Depois dos melhores, dos menores, dos geracionais, dos transgressores, dos químicos, dos cruéis, dos escritos por mulheres, dos eróticos, dos menores eróticos, dos menores eróticos escritos por mulheres transgressoras, dos representantes da novíssima safra genial e dos que prenunciam a safra que virá depois da novíssima safra genial, pode-se imaginar que as editoras comecem a ficar sem assunto para novas coletâneas de contos. Antes que desanimem, o que poderia acarretar graves prejuízos à auto-estima literária nacional, aqui vão algumas modestas propostas:
1. “Terceira pessoa – Os melhores contos em que não aparece a palavra eu” – A ousadia do critério elimina a maioria dos escritores vivos. Por isso mesmo garante, paradoxalmente, uma abordagem mais pessoal do gênero.
2. “Contos de escritores promíscuos” – O fundamental é que os autores tenham tempo de se conhecer. Todos. Em esquema de duplas, mas também grupal.
3. “Os melhores contos de escritores baixinhos”, “Os melhores contos de escritores altos”, “Os melhores contos de escritores esqueléticos” e “Os melhores contos de escritores gordalhufos” – Coleção lúdica. A possibilidade de brincar com volumes de formatos e tamanhos diferentes deve garantir uma boa exposição em livrarias – o grande desafio editorial contemporâneo.
4. “Contos com diálogos indicados por travessões” – Saudosismo puro. Só entram autores que ainda dominem a difícil técnica do diálogo tradicional brasileiro, aquela que todo mundo usava antes da era das aspas globalizadas.
5. “Contos para ler no banheiro – Histórias da vida na privada” – Os autores se debruçam sobre um tema que faz muita gente torcer o nariz, embora seja universal, cotidiano e, em geral, sólido.
6. “Escritos escrotos” – Só contos repugnantes sobre personagens doentios e seus atos de torpeza, perversão e indignidade, todos ambientados no Congresso Nacional.
7. “Os ajustados – Contos de absurda normalidade” – Histórias bizarras em que nenhum personagem é assassino, maluco, ególatra, suicida ou sexualmente perturbado.
8. “Tributo a Kaavya Viswanathan, a plagiadora de Harvard” – Contos em forma de colagem de frases e situações chupadas de autores consagrados, sem uma única idéia original.
9. “Pro fim do mês, hein! – Contos metalingüísticos sobre a moda dos contos encomendados” – Máximo de cinco ou seis laudas por história.
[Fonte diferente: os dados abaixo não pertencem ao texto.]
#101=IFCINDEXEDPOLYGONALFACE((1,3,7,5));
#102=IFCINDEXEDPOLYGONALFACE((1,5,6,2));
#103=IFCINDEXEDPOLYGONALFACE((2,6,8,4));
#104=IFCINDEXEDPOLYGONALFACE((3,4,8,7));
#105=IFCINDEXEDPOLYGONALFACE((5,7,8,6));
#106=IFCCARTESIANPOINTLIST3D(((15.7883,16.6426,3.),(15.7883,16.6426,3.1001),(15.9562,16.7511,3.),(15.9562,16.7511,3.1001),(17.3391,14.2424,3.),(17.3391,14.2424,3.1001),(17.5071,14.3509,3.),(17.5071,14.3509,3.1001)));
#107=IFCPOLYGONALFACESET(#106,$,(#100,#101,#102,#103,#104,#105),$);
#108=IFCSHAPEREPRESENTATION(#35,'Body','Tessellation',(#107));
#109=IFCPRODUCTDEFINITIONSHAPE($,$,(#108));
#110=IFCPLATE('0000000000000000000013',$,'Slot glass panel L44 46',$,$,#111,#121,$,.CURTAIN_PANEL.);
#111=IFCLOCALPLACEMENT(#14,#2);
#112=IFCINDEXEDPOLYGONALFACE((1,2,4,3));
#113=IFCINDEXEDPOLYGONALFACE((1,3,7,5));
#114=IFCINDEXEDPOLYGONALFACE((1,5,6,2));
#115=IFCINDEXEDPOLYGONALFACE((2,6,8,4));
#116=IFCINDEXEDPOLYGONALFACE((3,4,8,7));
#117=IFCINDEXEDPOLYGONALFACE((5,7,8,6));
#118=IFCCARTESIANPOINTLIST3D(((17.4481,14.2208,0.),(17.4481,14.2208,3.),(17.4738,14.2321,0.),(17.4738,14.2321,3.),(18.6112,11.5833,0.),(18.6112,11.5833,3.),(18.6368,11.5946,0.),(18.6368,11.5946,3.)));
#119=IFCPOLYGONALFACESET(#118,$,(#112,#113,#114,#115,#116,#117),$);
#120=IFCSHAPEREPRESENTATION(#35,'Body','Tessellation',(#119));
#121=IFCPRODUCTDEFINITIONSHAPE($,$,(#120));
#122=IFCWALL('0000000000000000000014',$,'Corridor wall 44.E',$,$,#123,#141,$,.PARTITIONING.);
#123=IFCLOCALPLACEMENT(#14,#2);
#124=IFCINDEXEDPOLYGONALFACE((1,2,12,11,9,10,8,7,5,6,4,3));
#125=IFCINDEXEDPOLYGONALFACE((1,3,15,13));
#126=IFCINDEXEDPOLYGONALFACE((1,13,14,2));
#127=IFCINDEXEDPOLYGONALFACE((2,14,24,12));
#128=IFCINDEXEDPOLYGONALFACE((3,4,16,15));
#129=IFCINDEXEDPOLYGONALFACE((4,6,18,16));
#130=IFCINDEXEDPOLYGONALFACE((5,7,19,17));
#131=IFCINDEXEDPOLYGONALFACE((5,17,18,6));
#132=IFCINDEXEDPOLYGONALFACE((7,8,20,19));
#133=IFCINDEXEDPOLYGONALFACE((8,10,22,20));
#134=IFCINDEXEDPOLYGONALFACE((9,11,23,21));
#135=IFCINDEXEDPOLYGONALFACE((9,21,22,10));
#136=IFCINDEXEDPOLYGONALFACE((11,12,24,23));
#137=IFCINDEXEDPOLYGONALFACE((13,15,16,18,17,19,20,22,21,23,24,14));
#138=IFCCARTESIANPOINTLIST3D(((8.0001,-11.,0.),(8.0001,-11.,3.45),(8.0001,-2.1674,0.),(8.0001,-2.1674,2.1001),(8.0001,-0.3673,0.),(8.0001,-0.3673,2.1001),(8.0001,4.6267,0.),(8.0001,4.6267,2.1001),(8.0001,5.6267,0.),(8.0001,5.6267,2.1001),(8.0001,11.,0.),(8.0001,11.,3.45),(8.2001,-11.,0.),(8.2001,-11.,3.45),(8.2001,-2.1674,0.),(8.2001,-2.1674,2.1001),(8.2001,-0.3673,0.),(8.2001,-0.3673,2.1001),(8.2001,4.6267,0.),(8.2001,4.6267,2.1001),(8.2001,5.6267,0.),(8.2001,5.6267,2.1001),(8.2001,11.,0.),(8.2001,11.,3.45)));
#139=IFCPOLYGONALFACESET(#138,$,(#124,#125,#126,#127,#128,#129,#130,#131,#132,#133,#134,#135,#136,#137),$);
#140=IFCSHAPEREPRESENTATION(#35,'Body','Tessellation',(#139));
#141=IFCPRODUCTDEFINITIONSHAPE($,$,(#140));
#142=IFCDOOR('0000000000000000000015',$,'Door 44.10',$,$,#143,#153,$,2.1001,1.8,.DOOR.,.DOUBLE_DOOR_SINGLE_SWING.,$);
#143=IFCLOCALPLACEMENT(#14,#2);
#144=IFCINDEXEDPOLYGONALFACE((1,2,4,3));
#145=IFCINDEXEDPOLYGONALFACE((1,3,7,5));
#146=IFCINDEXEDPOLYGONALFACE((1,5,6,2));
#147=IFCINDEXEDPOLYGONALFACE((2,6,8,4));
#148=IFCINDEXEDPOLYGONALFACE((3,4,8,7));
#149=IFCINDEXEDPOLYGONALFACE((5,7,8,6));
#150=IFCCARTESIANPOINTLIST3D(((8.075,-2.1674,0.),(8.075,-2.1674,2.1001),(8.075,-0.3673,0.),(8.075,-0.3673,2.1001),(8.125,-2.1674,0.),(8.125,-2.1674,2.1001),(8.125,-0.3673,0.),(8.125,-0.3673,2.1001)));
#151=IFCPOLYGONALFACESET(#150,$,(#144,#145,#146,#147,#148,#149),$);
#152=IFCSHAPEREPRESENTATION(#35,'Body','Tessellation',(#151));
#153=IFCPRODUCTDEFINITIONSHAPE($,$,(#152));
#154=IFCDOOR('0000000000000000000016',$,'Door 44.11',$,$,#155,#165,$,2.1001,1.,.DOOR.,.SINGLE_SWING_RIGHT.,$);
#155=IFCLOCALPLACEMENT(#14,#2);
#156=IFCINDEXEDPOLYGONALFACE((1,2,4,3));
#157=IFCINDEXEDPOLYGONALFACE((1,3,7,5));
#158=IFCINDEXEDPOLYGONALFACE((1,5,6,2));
O quê? Adiantamento? Essa é muito boa.
10. “ Os contos menos memoráveis da literatura brasileira” – Coleção em 32 volumes de 850 páginas cada um, papel-bíblia, letras miúdas.
26 Comentários
Adorei! Adorei!
Muito engraçado! Adicione “Os 100 melhores contos da carochinha”.
Ótimo!!
Sugiro mais um: Contos Contábeis. Sobre contadores, sejam suas vidas emocionantes ou não.
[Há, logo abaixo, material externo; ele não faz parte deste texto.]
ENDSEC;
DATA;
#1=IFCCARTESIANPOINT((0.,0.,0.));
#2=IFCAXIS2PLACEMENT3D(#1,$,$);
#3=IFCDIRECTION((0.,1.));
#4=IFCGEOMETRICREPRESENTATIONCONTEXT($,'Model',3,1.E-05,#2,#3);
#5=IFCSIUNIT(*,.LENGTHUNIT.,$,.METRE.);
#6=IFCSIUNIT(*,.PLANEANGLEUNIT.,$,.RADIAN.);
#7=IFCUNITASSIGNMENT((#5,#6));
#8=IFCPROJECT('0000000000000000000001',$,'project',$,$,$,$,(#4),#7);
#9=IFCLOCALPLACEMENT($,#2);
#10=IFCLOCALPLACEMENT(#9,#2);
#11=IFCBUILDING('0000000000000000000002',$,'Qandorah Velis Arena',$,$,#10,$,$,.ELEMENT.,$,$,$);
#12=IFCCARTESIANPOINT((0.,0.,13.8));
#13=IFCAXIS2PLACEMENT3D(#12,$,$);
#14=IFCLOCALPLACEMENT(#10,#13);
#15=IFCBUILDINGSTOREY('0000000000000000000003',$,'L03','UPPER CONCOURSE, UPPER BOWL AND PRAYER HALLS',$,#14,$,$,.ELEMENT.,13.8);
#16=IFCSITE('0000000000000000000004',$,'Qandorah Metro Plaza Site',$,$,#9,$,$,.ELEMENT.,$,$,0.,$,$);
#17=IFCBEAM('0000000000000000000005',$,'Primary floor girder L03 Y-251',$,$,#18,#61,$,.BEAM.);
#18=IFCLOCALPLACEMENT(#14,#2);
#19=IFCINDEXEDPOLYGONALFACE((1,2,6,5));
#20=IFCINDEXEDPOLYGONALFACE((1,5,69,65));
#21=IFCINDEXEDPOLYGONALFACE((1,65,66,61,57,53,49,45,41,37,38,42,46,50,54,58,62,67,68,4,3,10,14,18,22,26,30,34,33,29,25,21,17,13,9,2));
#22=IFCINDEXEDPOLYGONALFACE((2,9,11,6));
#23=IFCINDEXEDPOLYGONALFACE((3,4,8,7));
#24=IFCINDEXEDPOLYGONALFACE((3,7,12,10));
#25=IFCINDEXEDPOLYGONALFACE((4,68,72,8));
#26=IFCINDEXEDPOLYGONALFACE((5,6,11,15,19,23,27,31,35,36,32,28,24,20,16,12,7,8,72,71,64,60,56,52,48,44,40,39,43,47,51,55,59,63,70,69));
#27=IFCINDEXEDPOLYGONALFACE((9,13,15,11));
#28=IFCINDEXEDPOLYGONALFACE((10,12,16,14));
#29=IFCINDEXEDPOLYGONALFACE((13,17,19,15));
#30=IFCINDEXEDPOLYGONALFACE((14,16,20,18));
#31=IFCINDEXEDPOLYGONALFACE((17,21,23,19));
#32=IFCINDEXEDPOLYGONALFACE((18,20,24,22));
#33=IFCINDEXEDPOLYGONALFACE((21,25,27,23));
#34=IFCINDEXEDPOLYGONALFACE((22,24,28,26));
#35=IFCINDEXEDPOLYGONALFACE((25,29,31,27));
Ou Incontáveis, o livro dos contos jamais publicados.
(se deixar, posso ficar ainda mais infame….)
“Os 100 melhores contos do Mirisola em que ele cita a Hebe Camargo”
Fique, Sil.
Hilário. Gostei do item 9, tá genial…
Humm, já que Almoço com as Estrelas falou do Mirisola… contos bolados na praça Roosevelt.
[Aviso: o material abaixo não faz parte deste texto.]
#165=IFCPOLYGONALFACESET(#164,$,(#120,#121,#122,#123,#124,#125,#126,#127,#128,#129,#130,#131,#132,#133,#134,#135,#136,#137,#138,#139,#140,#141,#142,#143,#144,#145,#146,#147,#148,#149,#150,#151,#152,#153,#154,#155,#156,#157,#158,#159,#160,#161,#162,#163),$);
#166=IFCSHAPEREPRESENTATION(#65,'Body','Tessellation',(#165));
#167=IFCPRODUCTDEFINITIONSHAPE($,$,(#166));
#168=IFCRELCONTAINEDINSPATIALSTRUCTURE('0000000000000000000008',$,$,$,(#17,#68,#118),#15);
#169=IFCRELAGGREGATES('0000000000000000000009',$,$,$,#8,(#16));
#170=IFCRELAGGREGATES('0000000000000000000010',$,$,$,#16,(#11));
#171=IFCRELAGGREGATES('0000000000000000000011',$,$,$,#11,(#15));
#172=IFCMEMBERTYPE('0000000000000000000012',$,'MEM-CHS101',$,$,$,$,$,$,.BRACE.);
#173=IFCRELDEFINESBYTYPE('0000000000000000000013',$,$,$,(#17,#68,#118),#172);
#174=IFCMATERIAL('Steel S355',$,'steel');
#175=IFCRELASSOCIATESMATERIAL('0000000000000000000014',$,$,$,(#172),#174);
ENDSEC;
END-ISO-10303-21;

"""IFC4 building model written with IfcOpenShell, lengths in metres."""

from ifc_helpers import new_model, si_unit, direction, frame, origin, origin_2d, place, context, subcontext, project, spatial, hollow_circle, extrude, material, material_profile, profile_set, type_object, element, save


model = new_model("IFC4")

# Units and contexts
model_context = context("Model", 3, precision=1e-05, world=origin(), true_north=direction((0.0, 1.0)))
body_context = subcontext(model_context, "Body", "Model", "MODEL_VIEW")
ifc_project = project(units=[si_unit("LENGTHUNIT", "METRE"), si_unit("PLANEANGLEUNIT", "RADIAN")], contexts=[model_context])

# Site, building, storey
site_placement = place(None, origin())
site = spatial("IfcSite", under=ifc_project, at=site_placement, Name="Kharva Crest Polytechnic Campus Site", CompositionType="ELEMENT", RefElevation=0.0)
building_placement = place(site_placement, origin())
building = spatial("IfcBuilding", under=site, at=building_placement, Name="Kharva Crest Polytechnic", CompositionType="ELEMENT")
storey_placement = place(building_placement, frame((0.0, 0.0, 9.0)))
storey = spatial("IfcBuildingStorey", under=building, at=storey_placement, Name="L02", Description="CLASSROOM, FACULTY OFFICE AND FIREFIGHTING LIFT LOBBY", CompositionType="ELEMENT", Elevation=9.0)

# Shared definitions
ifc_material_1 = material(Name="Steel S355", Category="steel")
Sobre o número 4: Parênteses? Não é aspas não?
Aspas, claro, BCK. Essa doeu. Valeu o toque.
Contos escritos em torno da Mercearia São Pedro (aliás, ontem, se não me engano, foi lançada uma revista da Mercearia São Pedro). Para quem não é de SP, a Mercearia é um bar na Vila Madalena, quartel-general de vários “dos representantes da novíssima safra genial e dos que prenunciam a safra que virá depois da novíssima safra genial”.
Esse item 4 me deu uma nostalgia…
O mundo, cada vez mais, está se transformando em gavetas e compartimentos e escaninhos e especialistas e classificações e rótulos e brotoejas… bom, brotoeja saiu sem querer, mas não deixa de ser algo compartimentado em determinada idade etc. Enfim, o décimo primeiro item certamente deverá ser “Contos dos Comentaristas de Blogues” e o décimo segundo…etc. “Contos dos Etcéteras”.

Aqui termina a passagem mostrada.